Just a technical point about polling.  Comparing Usenet polls of this
sort to Gallup, Nielson (they're the ones with the boxes on the TV's,
not Arbitron), etc. is inappropriate.  The polling companies use VERY
carefully selected samples to enable small sample populations to
represent larger total populations.  The sort of things we see on the net
are what would be termed "self-selected" polls, where anyone can
participate or not by their own choice.  While the results of such self-select
polls (similar to 900 telephone polls, when you think about it) may
be interesting, they normally will not be applicable in a statistical
sense to larger populations.  In other words, self-select polls tell
you what the people voting thought or say they did.
They don't say much about what the people who DIDN'T vote
are thinking or doing--they simply do not have much statistical validity 
for generalization to larger populations.

They can still be fun, though--900 numbers sure are popular.

There are some definite "traps" in self-select polling.  For example,
doing consistency checks (looking for "uniform" sorts of responses)
across a self-select population may be misleading, since the self-select
population may be selecting themselves due to unknowable (to the polling
entity) factors.  To put it bluntly, any conclusions drawn from a self-select
population must be considered at least partially suspect when
it comes to generalization.

As a statistics professor I once knew used to say, "If you didn't pick
the sample population yourself, according to valid statistical criteria,
nothing you do later [with a self-select population] can validate the
sample for generalization."

A classic case involves 900 polls.  It was found from some statistics that
people responding to dial-in 900 polls tended to have incomes above a certain
level.  Consistency checks on the data indicated that this was true across
the entire populaton of callers, regardless of geographic region.  Of course,
to presume that this means that the U.S. population as a whole has that sort
of income would be incorrect--it simply means that the people who CHOSE
to CALL generally fit the higher income category.

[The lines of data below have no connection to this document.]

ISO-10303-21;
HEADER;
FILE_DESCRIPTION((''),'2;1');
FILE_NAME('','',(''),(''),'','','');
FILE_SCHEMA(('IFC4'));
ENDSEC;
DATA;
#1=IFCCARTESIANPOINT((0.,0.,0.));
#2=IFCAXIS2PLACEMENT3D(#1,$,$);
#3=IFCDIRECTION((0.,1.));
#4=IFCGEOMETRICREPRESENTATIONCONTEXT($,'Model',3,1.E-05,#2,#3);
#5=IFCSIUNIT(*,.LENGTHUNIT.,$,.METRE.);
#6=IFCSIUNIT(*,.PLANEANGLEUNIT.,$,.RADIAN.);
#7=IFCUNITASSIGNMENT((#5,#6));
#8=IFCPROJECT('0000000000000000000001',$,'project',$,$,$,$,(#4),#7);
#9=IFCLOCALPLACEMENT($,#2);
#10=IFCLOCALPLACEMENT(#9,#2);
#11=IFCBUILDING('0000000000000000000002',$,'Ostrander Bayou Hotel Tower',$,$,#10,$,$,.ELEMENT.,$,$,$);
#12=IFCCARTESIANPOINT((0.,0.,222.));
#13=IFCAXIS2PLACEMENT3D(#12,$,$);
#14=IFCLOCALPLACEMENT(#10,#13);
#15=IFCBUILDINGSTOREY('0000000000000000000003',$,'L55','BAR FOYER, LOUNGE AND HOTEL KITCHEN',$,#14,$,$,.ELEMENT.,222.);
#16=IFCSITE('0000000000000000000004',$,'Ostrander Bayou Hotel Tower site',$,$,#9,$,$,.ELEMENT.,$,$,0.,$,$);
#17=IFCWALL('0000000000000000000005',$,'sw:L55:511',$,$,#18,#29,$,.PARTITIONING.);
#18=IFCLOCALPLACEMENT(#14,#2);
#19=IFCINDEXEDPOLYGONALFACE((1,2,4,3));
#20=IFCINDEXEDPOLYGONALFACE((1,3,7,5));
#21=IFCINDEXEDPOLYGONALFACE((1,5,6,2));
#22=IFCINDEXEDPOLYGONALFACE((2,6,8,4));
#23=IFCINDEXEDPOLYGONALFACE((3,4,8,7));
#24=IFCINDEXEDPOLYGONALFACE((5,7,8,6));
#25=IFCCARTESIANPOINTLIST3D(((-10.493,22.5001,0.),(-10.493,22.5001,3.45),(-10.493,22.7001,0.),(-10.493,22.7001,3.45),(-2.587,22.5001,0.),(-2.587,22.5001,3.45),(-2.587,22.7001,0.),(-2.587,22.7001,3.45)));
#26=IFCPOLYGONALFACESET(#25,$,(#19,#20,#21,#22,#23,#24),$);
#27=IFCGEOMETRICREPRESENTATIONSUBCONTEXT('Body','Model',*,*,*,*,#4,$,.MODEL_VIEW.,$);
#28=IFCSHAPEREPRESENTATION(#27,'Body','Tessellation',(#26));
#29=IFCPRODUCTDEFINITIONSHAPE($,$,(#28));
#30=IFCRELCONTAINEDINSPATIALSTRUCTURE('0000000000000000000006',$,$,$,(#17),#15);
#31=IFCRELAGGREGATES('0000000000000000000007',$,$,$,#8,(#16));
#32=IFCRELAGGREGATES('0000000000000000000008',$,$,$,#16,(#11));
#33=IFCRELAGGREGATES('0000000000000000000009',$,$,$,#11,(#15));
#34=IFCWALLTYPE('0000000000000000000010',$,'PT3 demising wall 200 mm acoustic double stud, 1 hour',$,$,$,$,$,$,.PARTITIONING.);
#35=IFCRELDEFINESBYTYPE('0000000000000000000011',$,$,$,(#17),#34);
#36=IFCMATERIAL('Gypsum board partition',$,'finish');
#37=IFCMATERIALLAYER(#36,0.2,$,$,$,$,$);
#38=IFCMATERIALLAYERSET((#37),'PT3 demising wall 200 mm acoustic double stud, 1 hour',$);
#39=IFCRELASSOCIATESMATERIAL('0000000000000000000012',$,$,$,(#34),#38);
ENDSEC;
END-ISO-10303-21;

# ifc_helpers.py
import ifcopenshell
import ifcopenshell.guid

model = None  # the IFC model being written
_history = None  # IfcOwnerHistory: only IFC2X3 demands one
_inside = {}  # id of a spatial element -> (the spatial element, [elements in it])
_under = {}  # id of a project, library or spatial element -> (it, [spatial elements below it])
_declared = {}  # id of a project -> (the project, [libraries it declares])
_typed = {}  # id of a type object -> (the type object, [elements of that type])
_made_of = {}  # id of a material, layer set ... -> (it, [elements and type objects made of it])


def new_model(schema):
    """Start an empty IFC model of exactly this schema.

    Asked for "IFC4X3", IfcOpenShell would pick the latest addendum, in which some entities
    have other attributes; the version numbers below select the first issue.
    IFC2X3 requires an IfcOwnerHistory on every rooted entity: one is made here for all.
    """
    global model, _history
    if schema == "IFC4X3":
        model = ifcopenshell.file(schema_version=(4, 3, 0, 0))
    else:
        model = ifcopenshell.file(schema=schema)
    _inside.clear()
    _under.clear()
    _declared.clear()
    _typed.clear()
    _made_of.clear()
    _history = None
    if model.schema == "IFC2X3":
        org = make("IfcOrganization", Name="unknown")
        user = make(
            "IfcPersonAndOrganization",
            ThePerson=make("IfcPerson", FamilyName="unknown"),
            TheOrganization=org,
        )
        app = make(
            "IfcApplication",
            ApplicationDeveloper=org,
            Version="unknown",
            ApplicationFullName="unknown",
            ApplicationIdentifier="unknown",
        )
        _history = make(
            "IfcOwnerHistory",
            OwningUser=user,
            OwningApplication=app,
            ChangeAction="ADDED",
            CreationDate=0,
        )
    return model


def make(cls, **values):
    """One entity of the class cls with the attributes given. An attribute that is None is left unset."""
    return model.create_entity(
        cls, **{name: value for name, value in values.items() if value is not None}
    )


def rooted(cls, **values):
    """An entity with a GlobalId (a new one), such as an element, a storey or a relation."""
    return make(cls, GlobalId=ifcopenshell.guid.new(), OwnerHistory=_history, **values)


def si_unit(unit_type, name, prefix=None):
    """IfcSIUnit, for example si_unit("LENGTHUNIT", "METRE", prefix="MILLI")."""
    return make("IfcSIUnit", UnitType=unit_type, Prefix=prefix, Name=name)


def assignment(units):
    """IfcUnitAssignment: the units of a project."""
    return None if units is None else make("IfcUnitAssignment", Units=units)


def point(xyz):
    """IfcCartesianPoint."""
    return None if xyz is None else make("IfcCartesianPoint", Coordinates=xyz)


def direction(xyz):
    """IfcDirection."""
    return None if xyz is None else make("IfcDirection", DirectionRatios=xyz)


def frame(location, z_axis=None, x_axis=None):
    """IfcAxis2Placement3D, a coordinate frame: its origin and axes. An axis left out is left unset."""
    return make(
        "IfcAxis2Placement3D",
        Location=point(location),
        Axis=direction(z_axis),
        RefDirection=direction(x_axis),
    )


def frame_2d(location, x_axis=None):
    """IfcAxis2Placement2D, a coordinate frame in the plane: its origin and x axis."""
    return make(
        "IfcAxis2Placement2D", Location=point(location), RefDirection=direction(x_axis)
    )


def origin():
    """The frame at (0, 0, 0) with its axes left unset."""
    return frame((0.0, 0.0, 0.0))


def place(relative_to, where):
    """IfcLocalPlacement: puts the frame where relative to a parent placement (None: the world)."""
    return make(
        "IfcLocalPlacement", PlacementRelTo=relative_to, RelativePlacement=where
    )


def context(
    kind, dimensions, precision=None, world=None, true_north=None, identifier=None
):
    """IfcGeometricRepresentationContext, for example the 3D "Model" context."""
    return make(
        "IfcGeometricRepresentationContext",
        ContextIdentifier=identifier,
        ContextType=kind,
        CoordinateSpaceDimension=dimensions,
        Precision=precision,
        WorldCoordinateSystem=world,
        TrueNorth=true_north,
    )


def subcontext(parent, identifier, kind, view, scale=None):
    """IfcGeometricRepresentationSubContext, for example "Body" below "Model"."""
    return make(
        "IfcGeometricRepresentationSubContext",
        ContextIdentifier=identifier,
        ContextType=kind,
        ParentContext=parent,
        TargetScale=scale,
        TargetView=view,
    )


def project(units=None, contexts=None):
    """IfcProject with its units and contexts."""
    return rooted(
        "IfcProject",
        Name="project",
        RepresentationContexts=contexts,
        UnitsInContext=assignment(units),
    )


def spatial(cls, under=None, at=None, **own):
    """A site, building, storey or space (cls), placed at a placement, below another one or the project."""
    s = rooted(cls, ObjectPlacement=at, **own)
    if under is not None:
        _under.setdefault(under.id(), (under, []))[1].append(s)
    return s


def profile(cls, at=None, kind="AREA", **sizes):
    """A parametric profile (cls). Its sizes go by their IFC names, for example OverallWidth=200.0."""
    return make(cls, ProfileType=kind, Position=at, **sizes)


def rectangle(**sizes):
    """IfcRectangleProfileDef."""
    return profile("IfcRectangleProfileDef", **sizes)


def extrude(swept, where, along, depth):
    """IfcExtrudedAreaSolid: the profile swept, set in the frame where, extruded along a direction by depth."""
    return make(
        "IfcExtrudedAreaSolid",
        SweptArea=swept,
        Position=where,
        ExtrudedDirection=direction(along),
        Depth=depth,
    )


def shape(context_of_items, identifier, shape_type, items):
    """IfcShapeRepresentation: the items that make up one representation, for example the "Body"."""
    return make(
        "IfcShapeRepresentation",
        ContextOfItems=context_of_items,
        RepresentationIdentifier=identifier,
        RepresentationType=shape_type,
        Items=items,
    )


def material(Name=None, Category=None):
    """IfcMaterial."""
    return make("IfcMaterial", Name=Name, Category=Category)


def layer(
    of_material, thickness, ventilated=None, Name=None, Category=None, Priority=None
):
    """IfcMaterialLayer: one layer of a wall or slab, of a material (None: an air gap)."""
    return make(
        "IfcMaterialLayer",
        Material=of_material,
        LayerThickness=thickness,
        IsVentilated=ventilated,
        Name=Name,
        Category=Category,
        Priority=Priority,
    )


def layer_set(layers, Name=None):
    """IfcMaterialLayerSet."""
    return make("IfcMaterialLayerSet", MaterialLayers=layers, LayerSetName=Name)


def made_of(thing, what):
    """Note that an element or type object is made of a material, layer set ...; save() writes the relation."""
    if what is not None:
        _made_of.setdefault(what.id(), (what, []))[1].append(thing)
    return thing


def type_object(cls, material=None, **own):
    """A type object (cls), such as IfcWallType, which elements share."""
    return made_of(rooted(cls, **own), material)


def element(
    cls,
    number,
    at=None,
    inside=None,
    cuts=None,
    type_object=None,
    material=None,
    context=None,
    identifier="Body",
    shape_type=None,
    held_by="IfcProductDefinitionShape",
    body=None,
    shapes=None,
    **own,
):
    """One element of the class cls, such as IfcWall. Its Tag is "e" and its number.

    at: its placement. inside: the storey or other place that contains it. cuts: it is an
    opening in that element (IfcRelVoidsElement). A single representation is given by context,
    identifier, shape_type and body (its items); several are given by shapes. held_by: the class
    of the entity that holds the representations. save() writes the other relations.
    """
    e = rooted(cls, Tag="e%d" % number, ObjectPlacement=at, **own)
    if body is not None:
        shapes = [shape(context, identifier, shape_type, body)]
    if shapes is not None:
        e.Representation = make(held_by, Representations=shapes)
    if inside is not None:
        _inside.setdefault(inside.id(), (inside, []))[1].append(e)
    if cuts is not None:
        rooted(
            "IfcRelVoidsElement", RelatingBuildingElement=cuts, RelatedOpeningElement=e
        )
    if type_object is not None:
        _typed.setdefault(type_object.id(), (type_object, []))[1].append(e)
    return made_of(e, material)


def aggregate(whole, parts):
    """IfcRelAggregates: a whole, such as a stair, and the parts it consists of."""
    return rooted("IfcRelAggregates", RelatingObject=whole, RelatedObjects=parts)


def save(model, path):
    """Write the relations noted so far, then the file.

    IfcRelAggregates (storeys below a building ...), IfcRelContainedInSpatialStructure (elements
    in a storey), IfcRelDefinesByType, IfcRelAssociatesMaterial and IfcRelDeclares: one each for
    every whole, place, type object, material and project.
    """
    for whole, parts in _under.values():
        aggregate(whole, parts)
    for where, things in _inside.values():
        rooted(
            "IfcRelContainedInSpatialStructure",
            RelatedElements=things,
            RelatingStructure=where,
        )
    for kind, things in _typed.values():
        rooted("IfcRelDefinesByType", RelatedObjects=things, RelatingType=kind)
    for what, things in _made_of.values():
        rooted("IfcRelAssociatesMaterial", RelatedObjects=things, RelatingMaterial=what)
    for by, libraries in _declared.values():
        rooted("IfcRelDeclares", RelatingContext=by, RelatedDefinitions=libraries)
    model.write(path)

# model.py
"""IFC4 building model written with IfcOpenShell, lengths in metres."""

from ifc_helpers import new_model, si_unit, direction, frame, frame_2d, origin, place, context, subcontext, project, spatial, rectangle, extrude, material, layer, layer_set, type_object, element, save


model = new_model("IFC4")

# Units and contexts
model_context = context("Model", 3, precision=1e-05, world=origin(), true_north=direction((0.0, 1.0)))
body_context = subcontext(model_context, "Body", "Model", "MODEL_VIEW")
ifc_project = project(units=[si_unit("LENGTHUNIT", "METRE"), si_unit("PLANEANGLEUNIT", "RADIAN")], contexts=[model_context])

# Site, building, storey
site_placement = place(None, origin())
site = spatial("IfcSite", under=ifc_project, at=site_placement, Name="Ostrander Bayou Hotel Tower site", CompositionType="ELEMENT", RefElevation=0.0)
building_placement = place(site_placement, origin())
building = spatial("IfcBuilding", under=site, at=building_placement, Name="Ostrander Bayou Hotel Tower", CompositionType="ELEMENT")
storey_placement = place(building_placement, frame((0.0, 0.0, 222.0)))
storey = spatial("IfcBuildingStorey", under=building, at=storey_placement, Name="L55", Description="BAR FOYER, LOUNGE AND HOTEL KITCHEN", CompositionType="ELEMENT", Elevation=222.0)

# Wall
ifc_material_1 = material(Name="Gypsum board partition", Category="finish")
ifc_layer_1 = layer(ifc_material_1, 0.2)
ifc_layer_set_1 = layer_set([ifc_layer_1], Name="PT3 demising wall 200 mm acoustic double stud, 1 hour")
wall_type = type_object("IfcWallType", Name="PT3 demising wall 200 mm acoustic double stud, 1 hour", PredefinedType="PARTITIONING", material=ifc_layer_set_1)
wall_placement = place(storey_placement, frame((-10.4932, 22.6001, 0.0), z_axis=(0.0, 0.0, 1.0), x_axis=(1.0, 0.0, 0.0)))
element("IfcWall", 1, at=wall_placement, inside=storey, type_object=wall_type, Name="sw:L55:511", PredefinedType="PARTITIONING", context=body_context, shape_type="SweptSolid", body=[
    extrude(rectangle(XDim=7.906, YDim=0.2, at=frame_2d((3.9531, 0.0))), origin(), (0.0, 0.0, 1.0), 3.45),
])

save(model, "model.ifc")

As for the glacier polls, I think they *are* interesting, but I would not
want to see any important decisions based on the information so
gleaned.  In particular, I feel that the cost factors could be incorrect
by large amounts (not necessarily are, but *could* be) since
nobody on the network really has even an approximate handle on the true 
cost factors involved in netnews transmissions.  There are only guesses.
The group readership info, on the other hand, is of a less critical 
nature and can probably be taken as being indicative of the
reading habits of certain segments of the Usenet population--not
the entire population, but certain segments.

While I most certainly do *not* suggest that this book has anything
whatever to do with the glacier poll, I might recommend that persons
unfamiliar with some of the fine points of statistics and polling
read the classic book, "Lying With Statistics."  It is pretty much
required reading for anyone who wants to be able to interpret many
of the "statistics" we find quoted by the mass media these days.

Once again, I am definitely *not* suggesting that there is any lying or 
planned bias of any kind in the glacier poll.  I only bring up 
this book since it *is* good reading for people interested in
statistics in general.

--Lauren--